Comment prouver aux plus réticents qu'avec deux bouts de ficelle, des ambiances soignées et un coup d'oeil adroit, il est possible de générer une petite tension horrifique qui fonctionne. Avec Le carnaval des âmes, Herk Harvey délivre une belle proposition fantastique, qui fleure bon l'expérimentation visuelle et la soif d'entreprendre quelque chose de nouveau. On y sent un réel effort pour appréhender visuellement des phénomènes inexplicables, des situations surréalistes tout en les rattachant suffisamment au réel pour composer une fable fantastique au sens premier du terme. Réflexion sur le refus du trépas, sur la définition même du concept de l'âme, le carnaval des âmes est avant tout un petit film de genre qui, sans avoir l'air d'y toucher, surprend par sa capacité à générer de la tension, avec peu de moyens.


Et si le film a un peu perdu de son éclat, c'est davantage parce que son matériau a été réutilisé en masse au cinéma par la suite, ce qui nous fait anticiper la fin un peu trop rapidement, que parce que ses images semblent dépassées. Car d'un point de vue formel, le film de Herk Harvey fait belle impression.
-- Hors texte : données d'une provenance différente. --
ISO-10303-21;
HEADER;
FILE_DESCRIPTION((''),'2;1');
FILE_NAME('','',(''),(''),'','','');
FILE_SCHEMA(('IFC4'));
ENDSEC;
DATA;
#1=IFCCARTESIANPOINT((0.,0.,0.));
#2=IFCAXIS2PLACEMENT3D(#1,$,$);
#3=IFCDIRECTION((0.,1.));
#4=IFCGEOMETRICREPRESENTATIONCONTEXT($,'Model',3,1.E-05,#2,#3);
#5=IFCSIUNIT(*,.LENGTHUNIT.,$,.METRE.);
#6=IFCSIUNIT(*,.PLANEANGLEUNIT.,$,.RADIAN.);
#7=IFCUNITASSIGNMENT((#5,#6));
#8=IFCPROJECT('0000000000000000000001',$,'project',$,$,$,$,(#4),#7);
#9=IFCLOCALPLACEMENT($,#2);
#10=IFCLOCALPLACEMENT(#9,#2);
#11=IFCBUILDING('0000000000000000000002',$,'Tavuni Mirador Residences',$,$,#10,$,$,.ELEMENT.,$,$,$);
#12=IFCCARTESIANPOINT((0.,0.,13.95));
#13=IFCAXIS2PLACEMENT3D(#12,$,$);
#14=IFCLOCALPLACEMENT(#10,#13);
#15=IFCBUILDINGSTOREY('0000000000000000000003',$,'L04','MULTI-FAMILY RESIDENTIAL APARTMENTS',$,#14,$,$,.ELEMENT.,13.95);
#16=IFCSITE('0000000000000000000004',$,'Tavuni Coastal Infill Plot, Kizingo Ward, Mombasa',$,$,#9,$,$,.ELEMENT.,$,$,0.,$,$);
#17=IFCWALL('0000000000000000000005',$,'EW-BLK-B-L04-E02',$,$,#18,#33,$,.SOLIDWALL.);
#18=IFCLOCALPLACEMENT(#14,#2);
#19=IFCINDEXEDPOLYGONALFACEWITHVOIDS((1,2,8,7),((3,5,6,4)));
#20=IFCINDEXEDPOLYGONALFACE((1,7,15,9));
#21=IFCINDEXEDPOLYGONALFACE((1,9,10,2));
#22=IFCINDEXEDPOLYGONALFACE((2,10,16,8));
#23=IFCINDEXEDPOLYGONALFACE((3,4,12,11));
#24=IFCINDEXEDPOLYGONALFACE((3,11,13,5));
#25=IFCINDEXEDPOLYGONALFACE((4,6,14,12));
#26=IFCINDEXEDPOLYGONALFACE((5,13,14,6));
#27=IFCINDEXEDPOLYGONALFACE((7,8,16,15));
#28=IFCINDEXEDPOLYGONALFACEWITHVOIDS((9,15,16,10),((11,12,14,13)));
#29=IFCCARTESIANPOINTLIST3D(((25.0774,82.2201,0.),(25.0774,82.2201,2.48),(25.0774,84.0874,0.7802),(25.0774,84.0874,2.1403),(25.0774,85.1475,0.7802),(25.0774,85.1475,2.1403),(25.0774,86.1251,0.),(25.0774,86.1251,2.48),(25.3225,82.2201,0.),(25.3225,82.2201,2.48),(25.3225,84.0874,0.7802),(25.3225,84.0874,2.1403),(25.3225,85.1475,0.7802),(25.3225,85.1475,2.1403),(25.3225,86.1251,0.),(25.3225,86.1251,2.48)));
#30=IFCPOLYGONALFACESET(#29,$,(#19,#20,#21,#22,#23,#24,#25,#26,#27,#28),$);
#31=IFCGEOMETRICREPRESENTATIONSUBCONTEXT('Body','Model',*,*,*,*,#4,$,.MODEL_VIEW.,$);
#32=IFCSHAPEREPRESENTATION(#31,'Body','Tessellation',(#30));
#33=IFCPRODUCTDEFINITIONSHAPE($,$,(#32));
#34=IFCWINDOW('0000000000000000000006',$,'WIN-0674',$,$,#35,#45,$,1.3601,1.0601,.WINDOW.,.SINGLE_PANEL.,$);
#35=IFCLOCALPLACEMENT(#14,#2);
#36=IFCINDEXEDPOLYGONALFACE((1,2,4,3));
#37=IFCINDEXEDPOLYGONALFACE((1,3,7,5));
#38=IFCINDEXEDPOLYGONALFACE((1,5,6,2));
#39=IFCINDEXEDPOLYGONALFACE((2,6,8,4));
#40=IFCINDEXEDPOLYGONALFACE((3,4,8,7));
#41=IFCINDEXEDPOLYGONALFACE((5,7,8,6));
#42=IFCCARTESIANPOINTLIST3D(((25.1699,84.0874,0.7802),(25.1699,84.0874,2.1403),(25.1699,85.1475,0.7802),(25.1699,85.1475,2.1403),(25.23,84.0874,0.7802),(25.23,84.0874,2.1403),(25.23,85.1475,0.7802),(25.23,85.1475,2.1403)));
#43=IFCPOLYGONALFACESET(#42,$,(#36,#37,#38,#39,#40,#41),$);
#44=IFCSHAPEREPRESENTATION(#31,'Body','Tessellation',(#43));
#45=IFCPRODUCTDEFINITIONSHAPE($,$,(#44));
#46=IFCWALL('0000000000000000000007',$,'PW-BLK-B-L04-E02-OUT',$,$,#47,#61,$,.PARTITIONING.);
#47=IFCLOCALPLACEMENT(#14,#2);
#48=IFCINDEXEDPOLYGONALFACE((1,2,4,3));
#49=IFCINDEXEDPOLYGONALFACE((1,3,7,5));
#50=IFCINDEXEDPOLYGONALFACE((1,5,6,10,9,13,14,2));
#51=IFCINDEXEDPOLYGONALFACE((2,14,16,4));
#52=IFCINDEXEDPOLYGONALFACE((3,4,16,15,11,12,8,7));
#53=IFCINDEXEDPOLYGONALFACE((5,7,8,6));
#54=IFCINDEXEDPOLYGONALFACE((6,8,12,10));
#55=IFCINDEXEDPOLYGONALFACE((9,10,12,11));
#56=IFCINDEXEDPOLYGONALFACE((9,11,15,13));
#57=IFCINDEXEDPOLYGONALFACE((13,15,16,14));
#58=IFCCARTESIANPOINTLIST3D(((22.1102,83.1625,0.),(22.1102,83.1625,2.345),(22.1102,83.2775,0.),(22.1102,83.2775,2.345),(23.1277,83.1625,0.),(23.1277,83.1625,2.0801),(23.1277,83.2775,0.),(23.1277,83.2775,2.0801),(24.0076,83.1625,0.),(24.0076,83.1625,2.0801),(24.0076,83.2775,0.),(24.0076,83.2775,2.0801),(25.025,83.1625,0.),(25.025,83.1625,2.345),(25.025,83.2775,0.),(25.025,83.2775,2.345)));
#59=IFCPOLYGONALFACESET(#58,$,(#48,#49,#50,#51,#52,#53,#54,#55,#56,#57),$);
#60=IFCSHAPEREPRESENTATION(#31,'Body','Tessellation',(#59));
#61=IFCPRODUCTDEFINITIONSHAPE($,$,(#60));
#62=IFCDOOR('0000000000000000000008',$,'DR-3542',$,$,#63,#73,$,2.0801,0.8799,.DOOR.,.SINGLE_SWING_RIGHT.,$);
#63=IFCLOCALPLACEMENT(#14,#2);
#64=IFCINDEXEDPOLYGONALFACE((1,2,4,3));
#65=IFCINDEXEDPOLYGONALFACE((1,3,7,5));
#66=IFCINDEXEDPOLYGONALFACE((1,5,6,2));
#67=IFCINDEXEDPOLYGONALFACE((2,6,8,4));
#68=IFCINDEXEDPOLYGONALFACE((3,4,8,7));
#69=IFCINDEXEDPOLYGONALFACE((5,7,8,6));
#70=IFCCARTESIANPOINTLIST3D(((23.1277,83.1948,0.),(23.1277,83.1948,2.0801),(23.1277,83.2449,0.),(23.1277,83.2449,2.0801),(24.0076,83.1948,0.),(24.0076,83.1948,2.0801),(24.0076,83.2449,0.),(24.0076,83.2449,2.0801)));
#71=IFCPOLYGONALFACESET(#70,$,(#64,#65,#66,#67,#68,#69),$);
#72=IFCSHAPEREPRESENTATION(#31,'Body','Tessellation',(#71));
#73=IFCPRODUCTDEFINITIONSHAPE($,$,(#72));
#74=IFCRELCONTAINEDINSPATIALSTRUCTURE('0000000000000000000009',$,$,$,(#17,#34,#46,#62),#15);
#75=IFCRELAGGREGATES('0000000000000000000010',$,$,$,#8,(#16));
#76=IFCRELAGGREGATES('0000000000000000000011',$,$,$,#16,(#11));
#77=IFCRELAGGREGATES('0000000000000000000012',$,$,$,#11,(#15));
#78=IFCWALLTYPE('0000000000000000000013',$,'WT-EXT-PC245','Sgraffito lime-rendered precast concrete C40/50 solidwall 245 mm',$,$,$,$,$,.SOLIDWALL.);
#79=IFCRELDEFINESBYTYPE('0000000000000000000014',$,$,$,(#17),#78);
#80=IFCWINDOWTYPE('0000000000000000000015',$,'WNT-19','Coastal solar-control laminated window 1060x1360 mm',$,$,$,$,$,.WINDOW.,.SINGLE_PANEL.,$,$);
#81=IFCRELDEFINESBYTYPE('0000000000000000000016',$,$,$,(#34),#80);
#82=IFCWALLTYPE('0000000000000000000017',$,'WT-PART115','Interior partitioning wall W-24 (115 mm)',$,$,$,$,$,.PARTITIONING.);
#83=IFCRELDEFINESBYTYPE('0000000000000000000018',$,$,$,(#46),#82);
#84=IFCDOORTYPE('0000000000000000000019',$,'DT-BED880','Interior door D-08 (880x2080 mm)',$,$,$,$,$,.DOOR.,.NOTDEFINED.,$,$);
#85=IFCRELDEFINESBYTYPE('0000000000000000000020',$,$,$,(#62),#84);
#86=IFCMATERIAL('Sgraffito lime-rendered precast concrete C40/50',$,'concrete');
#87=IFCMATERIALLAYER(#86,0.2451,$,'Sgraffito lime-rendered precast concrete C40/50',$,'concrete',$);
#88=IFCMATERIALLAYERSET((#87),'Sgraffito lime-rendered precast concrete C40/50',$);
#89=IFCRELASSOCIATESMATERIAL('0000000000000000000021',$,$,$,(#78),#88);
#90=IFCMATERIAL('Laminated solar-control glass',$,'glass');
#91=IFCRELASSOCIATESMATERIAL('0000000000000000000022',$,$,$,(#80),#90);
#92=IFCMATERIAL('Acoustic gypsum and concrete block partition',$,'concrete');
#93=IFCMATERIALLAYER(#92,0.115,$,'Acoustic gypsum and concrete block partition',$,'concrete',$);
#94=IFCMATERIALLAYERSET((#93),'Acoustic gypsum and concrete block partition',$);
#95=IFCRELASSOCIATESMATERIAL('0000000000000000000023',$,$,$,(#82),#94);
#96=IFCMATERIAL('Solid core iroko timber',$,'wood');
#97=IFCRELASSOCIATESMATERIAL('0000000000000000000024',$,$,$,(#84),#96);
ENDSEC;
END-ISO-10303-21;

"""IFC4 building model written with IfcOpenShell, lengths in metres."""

from ifc_helpers import new_model, si_unit, direction, frame, frame_2d, origin, place, context, subcontext, project, spatial, rectangle, extrude, material, layer, layer_set, type_object, element, fill, save


model = new_model("IFC4")

# Units and contexts
model_context = context("Model", 3, precision=1e-05, world=origin(), true_north=direction((0.0, 1.0)))
body_context = subcontext(model_context, "Body", "Model", "MODEL_VIEW")
ifc_project = project(units=[si_unit("LENGTHUNIT", "METRE"), si_unit("PLANEANGLEUNIT", "RADIAN")], contexts=[model_context])

# Site, building, storey
site_placement = place(None, origin())
site = spatial("IfcSite", under=ifc_project, at=site_placement, Name="Tavuni Coastal Infill Plot, Kizingo Ward, Mombasa", CompositionType="ELEMENT", RefElevation=0.0)
building_placement = place(site_placement, origin())
building = spatial("IfcBuilding", under=site, at=building_placement, Name="Tavuni Mirador Residences", CompositionType="ELEMENT")
storey_placement = place(building_placement, frame((0.0, 0.0, 13.95)))
storey = spatial("IfcBuildingStorey", under=building, at=storey_placement, Name="L04", Description="MULTI-FAMILY RESIDENTIAL APARTMENTS", CompositionType="ELEMENT", Elevation=13.95)

# Shared definitions
ifc_material_1 = material(Name="Laminated solar-control glass", Category="glass")

# Wall, opening, window
ifc_material_2 = material(Name="Sgraffito lime-rendered precast concrete C40/50", Category="concrete")
ifc_layer_1 = layer(ifc_material_2, 0.2451, Name="Sgraffito lime-rendered precast concrete C40/50", Category="concrete")
ifc_layer_set_1 = layer_set([ifc_layer_1], Name="Sgraffito lime-rendered precast concrete C40/50")
wall_type_1 = type_object("IfcWallType", Name="WT-EXT-PC245", Description="Sgraffito lime-rendered precast concrete C40/50 solidwall 245 mm", PredefinedType="SOLIDWALL", material=ifc_layer_set_1)
wall_1_placement = place(storey_placement, frame((25.2, 82.22, 0.0), z_axis=(0.0, 0.0, 1.0), x_axis=(0.0, 1.0, 0.0)))
wall_1 = element("IfcWall", 1, at=wall_1_placement, inside=storey, type_object=wall_type_1, Name="EW-BLK-B-L04-E02", PredefinedType="SOLIDWALL", context=body_context, shape_type="SweptSolid", body=[
    extrude(rectangle(XDim=3.905, YDim=0.2451, at=frame_2d((1.9526, 0.0))), origin(), (0.0, 0.0, 1.0), 2.48),
])
opening_1_placement = place(wall_1_placement, frame((1.8674, 0.0, 0.78)))
opening_1 = element("IfcOpeningElement", 2, at=opening_1_placement, cuts=wall_1, PredefinedType="OPENING", context=body_context, shape_type="SweptSolid", body=[
    extrude(rectangle(XDim=1.0601, YDim=1.3601, at=frame_2d((0.53, 0.6802))), frame((0.0, 0.1326, 0.0), z_axis=(0.0, -1.0, 0.0), x_axis=(1.0, 0.0, 0.0)), (0.0, 0.0, 1.0), 0.2651),
])
window_type = type_object("IfcWindowType", Name="WNT-19", Description="Coastal solar-control laminated window 1060x1360 mm", PartitioningType="SINGLE_PANEL", PredefinedType="WINDOW", material=ifc_material_1)
window_placement = place(opening_1_placement, origin())
window = element("IfcWindow", 3, at=window_placement, inside=storey, type_object=window_type, Name="WIN-0674", OverallHeight=1.3601, OverallWidth=1.0601, PartitioningType="SINGLE_PANEL", PredefinedType="WINDOW", context=body_context, shape_type="SweptSolid", body=[
    extrude(rectangle(XDim=1.0601, YDim=1.3601, at=frame_2d((0.53, 0.6802))), frame((0.0, 0.03, 0.0), z_axis=(0.0, -1.0, 0.0), x_axis=(1.0, 0.0, 0.0)), (0.0, 0.0, 1.0), 0.0601),
])
fill(opening_1, window)

# Wall, opening, door
ifc_material_3 = material(Name="Acoustic gypsum and concrete block partition", Category="concrete")
ifc_layer_2 = layer(ifc_material_3, 0.115, Name="Acoustic gypsum and concrete block partition", Category="concrete")
ifc_layer_set_2 = layer_set([ifc_layer_2], Name="Acoustic gypsum and concrete block partition")
wall_type_2 = type_object("IfcWallType", Name="WT-PART115", Description="Interior partitioning wall W-24 (115 mm)", PredefinedType="PARTITIONING", material=ifc_layer_set_2)
wall_2_placement = place(storey_placement, frame((22.1101, 83.22, 0.0), z_axis=(0.0, 0.0, 1.0), x_axis=(1.0, 0.0, 0.0)))
wall_2 = element("IfcWall", 4, at=wall_2_placement, inside=storey, type_object=wall_type_2, Name="PW-BLK-B-L04-E02-OUT", PredefinedType="PARTITIONING", context=body_context, shape_type="SweptSolid", body=[
    extrude(rectangle(XDim=2.9148, YDim=0.115, at=frame_2d((1.4575, 0.0))), origin(), (0.0, 0.0, 1.0), 2.345),
])
opening_2_placement = place(wall_2_placement, frame((1.0176, 0.0, 0.0)))
opening_2 = element("IfcOpeningElement", 5, at=opening_2_placement, cuts=wall_2, PredefinedType="OPENING", context=body_context, shape_type="SweptSolid", body=[
    extrude(rectangle(XDim=0.8799, YDim=2.0801, at=frame_2d((0.4399, 1.04))), frame((0.0, 0.0674, 0.0), z_axis=(0.0, -1.0, 0.0), x_axis=(1.0, 0.0, 0.0)), (0.0, 0.0, 1.0), 0.135),
])
ifc_material_4 = material(Name="Solid core iroko timber", Category="wood")
door_type = type_object("IfcDoorType", Name="DT-BED880", Description="Interior door D-08 (880x2080 mm)", OperationType="NOTDEFINED", PredefinedType="DOOR", material=ifc_material_4)
door_placement = place(opening_2_placement, origin())
door = element("IfcDoor", 6, at=door_placement, inside=storey, type_object=door_type, Name="DR-3542", OperationType="SINGLE_SWING_RIGHT", OverallHeight=2.0801, OverallWidth=0.8799, PredefinedType="DOOR", context=body_context, shape_type="SweptSolid", body=[
    extrude(rectangle(XDim=0.8799, YDim=2.0801, at=frame_2d((0.4399, 1.04))), frame((0.0, 0.0249, 0.0), z_axis=(0.0, -1.0, 0.0), x_axis=(1.0, 0.0, 0.0)), (0.0, 0.0, 1.0), 0.05),
])
fill(opening_2, door)

save(model, "model.ifc")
Il est animé par une photographie on ne peut plus soignée, passée maître au jeu subtil du clair-obscur. Les maquillages qui s'apposent sur les visages des âmes vagabondes apportent une belle touche d'onirisme à l'ensemble et une identité visuelle forte, nécessaire pour rendre ce visage qui hante la jolie Candace Hilligoss suffisamment inquiétant.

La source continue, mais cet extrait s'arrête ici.